Avançar para o conteúdo principal

Fome

Há uns tempos atrás, quando ia para o trabalho, encontrava várias vezes um senhor idoso a pedir esmola à saída do comboio. Dei-lhe dinheiro, não sempre, mas em algumas ocasiões...
Este senhor impressionou-me pela sua fragilidade, por isso falei sobre ele, cá em casa. Contei que ele me parecia sofrer de várias doenças devidas à idade e que não teria dinheiro para comer quanto mais para os vários medicamentos que provavelmente tinha que tomar. O J. foi particularmente sensível a esta história e começou a arranjar soluções para o ajudarmos. Foi à despensa buscar um litro de leite, umas bolachas e um garrafão de água e disse:
-Mãe, vamos levar isto ao senhor! Assim, já tem alguma coisa para comer... 
Enterneceu-me a preocupação dele, mas como eu não sabia o dia da semana que poderíamos encontrar o senhor na estação (pois ele não aparecia a dias certos) acabámos por nunca lhe levar os alimentos. Foi pena, pois acho que o J. ia gostar de sentir que podia fazer alguma coisa para o ajudar.

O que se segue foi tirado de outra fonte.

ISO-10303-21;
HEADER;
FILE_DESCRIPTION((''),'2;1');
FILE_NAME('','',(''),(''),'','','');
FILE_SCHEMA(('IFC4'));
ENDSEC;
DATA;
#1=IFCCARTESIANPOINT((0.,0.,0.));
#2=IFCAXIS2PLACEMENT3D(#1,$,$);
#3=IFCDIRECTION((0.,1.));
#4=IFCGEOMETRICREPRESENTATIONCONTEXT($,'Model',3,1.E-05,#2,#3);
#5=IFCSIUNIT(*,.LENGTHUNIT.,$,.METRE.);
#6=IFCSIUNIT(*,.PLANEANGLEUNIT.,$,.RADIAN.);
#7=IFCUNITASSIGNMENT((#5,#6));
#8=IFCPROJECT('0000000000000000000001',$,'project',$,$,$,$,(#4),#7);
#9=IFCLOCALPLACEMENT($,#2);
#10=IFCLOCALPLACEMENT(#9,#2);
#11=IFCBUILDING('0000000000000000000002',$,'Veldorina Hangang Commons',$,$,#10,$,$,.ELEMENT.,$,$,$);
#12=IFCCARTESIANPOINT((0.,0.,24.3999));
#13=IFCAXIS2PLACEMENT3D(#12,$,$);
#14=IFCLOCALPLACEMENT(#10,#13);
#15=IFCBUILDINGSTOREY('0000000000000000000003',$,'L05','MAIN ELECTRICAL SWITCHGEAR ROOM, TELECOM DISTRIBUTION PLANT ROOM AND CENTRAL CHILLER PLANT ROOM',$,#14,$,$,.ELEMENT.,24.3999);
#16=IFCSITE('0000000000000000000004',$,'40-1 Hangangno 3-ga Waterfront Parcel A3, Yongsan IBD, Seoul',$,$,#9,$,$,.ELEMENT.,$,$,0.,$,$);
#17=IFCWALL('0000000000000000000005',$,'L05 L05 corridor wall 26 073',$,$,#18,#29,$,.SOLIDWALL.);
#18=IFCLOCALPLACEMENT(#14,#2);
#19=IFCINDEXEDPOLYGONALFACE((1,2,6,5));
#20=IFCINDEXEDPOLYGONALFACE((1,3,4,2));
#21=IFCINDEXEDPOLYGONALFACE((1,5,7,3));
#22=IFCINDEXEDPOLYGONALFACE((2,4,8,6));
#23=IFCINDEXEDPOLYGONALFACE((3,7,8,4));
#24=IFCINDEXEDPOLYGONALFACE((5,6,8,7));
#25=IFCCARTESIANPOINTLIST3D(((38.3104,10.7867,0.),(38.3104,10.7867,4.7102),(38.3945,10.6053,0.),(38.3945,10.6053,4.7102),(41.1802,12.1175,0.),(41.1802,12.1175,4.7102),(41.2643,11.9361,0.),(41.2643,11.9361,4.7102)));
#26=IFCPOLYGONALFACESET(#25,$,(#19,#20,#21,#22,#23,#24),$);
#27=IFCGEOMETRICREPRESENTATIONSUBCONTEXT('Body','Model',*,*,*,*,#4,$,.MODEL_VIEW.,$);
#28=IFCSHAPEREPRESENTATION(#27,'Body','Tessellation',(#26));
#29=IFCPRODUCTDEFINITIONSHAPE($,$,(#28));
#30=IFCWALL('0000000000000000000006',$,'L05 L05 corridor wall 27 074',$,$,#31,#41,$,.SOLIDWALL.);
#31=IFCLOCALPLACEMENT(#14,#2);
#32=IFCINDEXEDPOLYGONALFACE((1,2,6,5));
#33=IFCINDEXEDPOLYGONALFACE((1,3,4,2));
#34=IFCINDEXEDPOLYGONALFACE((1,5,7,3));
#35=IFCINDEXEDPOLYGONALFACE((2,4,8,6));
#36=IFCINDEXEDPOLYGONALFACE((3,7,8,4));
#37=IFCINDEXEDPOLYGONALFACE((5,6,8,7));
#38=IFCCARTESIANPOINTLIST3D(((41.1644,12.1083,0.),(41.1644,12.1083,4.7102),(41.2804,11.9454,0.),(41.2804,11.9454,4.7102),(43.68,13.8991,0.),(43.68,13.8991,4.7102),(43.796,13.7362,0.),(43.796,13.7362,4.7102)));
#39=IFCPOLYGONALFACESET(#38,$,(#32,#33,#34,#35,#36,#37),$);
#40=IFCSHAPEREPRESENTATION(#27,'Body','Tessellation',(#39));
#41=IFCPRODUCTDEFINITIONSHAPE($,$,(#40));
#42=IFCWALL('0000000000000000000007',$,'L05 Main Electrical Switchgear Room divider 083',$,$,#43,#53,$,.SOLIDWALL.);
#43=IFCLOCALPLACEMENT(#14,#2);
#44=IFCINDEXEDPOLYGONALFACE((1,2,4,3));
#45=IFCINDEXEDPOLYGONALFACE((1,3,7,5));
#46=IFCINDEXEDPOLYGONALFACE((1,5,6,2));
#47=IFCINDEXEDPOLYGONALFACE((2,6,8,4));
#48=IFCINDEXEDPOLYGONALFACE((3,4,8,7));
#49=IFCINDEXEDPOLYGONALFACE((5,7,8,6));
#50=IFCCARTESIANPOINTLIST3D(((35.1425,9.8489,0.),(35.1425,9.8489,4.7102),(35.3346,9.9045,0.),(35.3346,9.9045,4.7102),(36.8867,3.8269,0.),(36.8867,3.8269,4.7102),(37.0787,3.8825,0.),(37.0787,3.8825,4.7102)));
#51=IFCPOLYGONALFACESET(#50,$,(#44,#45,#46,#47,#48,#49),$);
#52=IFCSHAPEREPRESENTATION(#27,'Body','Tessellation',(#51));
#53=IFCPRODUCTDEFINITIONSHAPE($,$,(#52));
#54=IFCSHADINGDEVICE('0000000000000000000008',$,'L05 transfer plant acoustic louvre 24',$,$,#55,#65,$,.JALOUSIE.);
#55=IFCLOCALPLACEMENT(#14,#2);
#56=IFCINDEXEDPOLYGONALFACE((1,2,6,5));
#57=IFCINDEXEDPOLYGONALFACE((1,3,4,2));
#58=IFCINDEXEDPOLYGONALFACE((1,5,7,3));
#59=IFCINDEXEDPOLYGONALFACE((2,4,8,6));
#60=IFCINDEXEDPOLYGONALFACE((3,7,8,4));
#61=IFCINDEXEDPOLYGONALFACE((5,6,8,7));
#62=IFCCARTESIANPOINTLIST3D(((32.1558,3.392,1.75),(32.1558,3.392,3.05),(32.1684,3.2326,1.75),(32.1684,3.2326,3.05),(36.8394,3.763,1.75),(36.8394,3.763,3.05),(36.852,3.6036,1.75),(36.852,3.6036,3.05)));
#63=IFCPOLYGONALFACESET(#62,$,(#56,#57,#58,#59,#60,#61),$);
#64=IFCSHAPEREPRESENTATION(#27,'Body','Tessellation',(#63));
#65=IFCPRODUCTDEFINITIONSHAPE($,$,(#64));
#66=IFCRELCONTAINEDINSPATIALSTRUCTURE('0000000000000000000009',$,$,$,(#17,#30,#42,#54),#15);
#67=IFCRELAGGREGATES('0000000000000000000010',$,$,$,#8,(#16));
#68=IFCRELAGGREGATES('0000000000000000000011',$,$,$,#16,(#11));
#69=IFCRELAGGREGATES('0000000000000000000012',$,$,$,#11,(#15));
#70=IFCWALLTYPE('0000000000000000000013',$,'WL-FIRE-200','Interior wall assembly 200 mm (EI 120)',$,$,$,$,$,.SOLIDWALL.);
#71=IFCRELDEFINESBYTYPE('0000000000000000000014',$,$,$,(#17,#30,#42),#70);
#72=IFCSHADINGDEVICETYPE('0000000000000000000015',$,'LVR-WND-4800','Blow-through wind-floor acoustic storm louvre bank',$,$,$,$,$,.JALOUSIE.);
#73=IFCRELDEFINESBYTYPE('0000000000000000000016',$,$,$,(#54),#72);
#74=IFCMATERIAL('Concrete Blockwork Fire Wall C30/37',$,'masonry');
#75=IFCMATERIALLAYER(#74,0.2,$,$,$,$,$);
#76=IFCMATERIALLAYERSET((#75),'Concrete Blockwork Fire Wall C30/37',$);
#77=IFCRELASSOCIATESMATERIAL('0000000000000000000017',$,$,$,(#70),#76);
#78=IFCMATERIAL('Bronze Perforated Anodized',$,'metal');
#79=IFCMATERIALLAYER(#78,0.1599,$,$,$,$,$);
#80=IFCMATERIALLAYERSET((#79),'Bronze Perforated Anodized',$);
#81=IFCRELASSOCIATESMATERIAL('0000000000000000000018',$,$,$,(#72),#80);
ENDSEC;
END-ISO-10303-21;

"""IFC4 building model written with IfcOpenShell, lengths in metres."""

from ifc_helpers import new_model, si_unit, direction, frame, frame_2d, origin, origin_2d, place, context, subcontext, project, spatial, rectangle, extrude, material, layer, layer_set, type_object, element, save


model = new_model("IFC4")

# Units and contexts
model_context = context("Model", 3, precision=1e-05, world=origin(), true_north=direction((0.0, 1.0)))
body_context = subcontext(model_context, "Body", "Model", "MODEL_VIEW")
ifc_project = project(units=[si_unit("LENGTHUNIT", "METRE"), si_unit("PLANEANGLEUNIT", "RADIAN")], contexts=[model_context])

# Site, building, storey
site_placement = place(None, origin())
site = spatial("IfcSite", under=ifc_project, at=site_placement, Name="40-1 Hangangno 3-ga Waterfront Parcel A3, Yongsan IBD, Seoul", CompositionType="ELEMENT", RefElevation=0.0)
building_placement = place(site_placement, origin())
building = spatial("IfcBuilding", under=site, at=building_placement, Name="Veldorina Hangang Commons", CompositionType="ELEMENT")
storey_placement = place(building_placement, frame((0.0, 0.0, 24.3999)))
storey = spatial("IfcBuildingStorey", under=building, at=storey_placement, Name="L05", Description="MAIN ELECTRICAL SWITCHGEAR ROOM, TELECOM DISTRIBUTION PLANT ROOM AND CENTRAL CHILLER PLANT ROOM", CompositionType="ELEMENT", Elevation=24.3999)

# Walls
ifc_material_1 = material(Name="Concrete Blockwork Fire Wall C30/37", Category="masonry")
ifc_layer_1 = layer(ifc_material_1, 0.2)
ifc_layer_set_1 = layer_set([ifc_layer_1], Name="Concrete Blockwork Fire Wall C30/37")
wall_type_1 = type_object("IfcWallType", Name="WL-FIRE-200", Description="Interior wall assembly 200 mm (EI 120)", PredefinedType="SOLIDWALL", material=ifc_layer_set_1)
wall_1_placement = place(storey_placement, frame((38.3525, 10.696, 0.0), z_axis=(0.0, 0.0, 1.0), x_axis=(0.907206, 0.420687, 0.0)))
element("IfcWall", 1, at=wall_1_placement, inside=storey, type_object=wall_type_1, Name="L05 L05 corridor wall 26 073", PredefinedType="SOLIDWALL", context=body_context, shape_type="SweptSolid", body=[
    extrude(rectangle(XDim=3.1633, YDim=0.2, at=frame_2d((1.5815, 0.0))), origin(), (0.0, 0.0, 1.0), 4.7102),
])
wall_2_placement = place(storey_placement, frame((41.2224, 12.0269, 0.0), z_axis=(0.0, 0.0, 1.0), x_axis=(0.814667, 0.579929, 0.0)))
element("IfcWall", 2, at=wall_2_placement, inside=storey, type_object=wall_type_1, Name="L05 L05 corridor wall 27 074", PredefinedType="SOLIDWALL", context=body_context, shape_type="SweptSolid", body=[
    extrude(rectangle(XDim=3.0879, YDim=0.2, at=frame_2d((1.5439, 0.0))), origin(), (0.0, 0.0, 1.0), 4.7102),
])
wall_3_placement = place(storey_placement, frame((35.2385, 9.8767, 0.0), z_axis=(0.0, 0.0, 1.0), x_axis=(0.278196, -0.960524, 0.0)))
element("IfcWall", 3, at=wall_3_placement, inside=storey, type_object=wall_type_1, Name="L05 Main Electrical Switchgear Room divider 083", PredefinedType="SOLIDWALL", context=body_context, shape_type="SweptSolid", body=[
    extrude(rectangle(XDim=6.2695, YDim=0.2, at=frame_2d((3.1348, 0.0))), origin(), (0.0, 0.0, 1.0), 4.7102),
])

# Shading device
ifc_material_2 = material(Name="Bronze Perforated Anodized", Category="metal")
ifc_layer_2 = layer(ifc_material_2, 0.1599)
ifc_layer_set_2 = layer_set([ifc_layer_2], Name="Bronze Perforated Anodized")
shading_device_type = type_object("IfcShadingDeviceType", Name="LVR-WND-4800", Description="Blow-through wind-floor acoustic storm louvre bank", PredefinedType="JALOUSIE", material=ifc_layer_set_2)
shading_device_placement = place(storey_placement, frame((34.5039, 3.4978, 1.75), z_axis=(0.0, 0.0, 1.0), x_axis=(0.996877, 0.078964, 0.0)))
element("IfcShadingDevice", 4, at=shading_device_placement, inside=storey, type_object=shading_device_type, Name="L05 transfer plant acoustic louvre 24", PredefinedType="JALOUSIE", context=body_context, shape_type="SweptSolid", body=[
    extrude(rectangle(XDim=4.6982, YDim=0.1599, at=origin_2d()), origin(), (0.0, 0.0, 1.0), 1.3),
])

save(model, "model.ifc")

Nas férias desse ano, fomos a Roma. 
Roma é uma cidade belíssima, cada pedra em que tropeçamos é um monumento. Mas Roma também é uma lição de vida, porque à porta das igrejas mais luxuosas encontramos uma dezena de pedintes...
Por incrível que pareça, o caminho para o Vaticano seria o local ideal para elaborarmos um catálogo completo de pedintes. Lá, podemos encontrar  todo o tipo de "restos humanos", desde pessoas com tumores enormes, com membros amputados, a velhos e mulheres com crianças ao colo sob um sol abrasador, há de tudo...
Um muro alto separa o luxo extremo da "sede real da Igreja Católica" da realidade em que vivemos e separa-a efectivamente, pois o Império Católico não mostra a mais pequena sensibilidade sobre o que passa para além daquele muro...

Vaticano

A riqueza da Basílica de São Pedro choca, especialmente, perante o que temos que ver até lá chegar...
Se desprovêssemos a Basílica de São Pedro do ouro que a adorna (sem termos que ir buscar mais à imensa riqueza da Igreja) daria para acabar com a fome de muitas daquelas pessoas...
Claro, que não sou tão ingénua ao ponto de pensar que todos os pedintes que vimos na rua são pessoas com uma verdadeira necessidade de mendigar. No entanto, acredito que muitos casos são, realmente, de extrema pobreza...
E fico impressionada, indignada (e mais umas tantas outras coisas acabadas em ada, como por exemplo, lixada), quando vejo entidades tão poderosas como a Igreja Católica, que se dizem bondosas e altruístas, a fazerem praticamente nada para combater a fome no mundo e a ostentarem tanto luxo e riqueza!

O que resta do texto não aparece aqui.